My colleague told me she found power in being blonde. "It's youthful and sunny, but as a blonde you also get the chance to defy expectations of those (particularly men) who stupidly think you're going to be less smart or serious than a brunette. It can be extremely effective in dealing with men.
"I can also admit that I'm chasing my youth. I'm approaching 40 and dying my ash, but greying hair blonder--brighter is better--makes me feel like I'm still in the game.
"The two years that I couldn't get dyed because of pregnancies were some of the darkest in my life. I felt drab and sad and old and unattractive.

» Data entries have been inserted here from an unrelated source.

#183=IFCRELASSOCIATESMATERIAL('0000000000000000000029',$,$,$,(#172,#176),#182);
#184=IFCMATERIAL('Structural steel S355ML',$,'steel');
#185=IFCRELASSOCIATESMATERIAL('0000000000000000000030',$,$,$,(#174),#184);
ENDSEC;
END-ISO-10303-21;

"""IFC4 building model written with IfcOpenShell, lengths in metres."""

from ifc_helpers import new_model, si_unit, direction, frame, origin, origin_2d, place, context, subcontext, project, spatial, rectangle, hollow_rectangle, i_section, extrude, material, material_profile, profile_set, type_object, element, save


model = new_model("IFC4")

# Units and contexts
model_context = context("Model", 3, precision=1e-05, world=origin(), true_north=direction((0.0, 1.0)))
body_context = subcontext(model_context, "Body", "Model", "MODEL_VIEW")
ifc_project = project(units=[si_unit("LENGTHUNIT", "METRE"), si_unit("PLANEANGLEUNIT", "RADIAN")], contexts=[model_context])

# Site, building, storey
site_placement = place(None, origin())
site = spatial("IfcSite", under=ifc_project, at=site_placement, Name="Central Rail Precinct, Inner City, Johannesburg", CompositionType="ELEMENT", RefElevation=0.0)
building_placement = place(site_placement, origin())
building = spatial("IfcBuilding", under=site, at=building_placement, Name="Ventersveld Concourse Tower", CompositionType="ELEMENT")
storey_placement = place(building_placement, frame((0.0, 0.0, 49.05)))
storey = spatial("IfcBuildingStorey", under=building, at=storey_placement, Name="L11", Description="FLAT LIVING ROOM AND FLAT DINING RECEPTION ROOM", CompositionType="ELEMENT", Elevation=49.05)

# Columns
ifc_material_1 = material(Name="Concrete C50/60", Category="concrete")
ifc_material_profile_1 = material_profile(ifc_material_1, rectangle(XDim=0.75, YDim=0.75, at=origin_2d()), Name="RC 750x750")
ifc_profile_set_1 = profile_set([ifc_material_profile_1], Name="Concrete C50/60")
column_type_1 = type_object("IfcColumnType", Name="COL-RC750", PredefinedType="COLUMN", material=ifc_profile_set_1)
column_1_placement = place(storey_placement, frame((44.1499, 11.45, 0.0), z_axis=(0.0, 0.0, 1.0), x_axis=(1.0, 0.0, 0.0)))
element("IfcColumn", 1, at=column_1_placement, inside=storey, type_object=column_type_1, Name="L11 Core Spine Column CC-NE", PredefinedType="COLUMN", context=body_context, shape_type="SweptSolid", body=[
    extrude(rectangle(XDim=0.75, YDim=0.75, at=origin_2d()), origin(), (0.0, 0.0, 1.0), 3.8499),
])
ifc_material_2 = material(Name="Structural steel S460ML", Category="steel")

My doctor can talk about hormones all she wants, but I swear it was my hair.”
Stylist Mirjam Bayoumi, a brunette and a Swede, has been coloring Swedish expats' hair in New York since 2008. “Most natural blondes are born pretty blonde, but after you hit puberty it starts to get a little darker," she said. "Then you kind of want to achieve what you saw as a child, so you start doing the highlights, and then you recognize yourself."
Princess Madeleine of Sweden gets her hair colored by Bayoumi whenever she visits New York.
The stylist says her Swedish clients want to be blonder in New York than in Sweden, "because they want to stand out even more. They notice they get more attention here from men."
Despite these endorsements of blondness and the allure of a Swedish hairstylist turning my drab brown mop into a flaxen halo, I’m not quite ready to commit to a dramatically new ’do. I’m at peace with my drab brown mop for now, though it may not take much more to push me over the edge.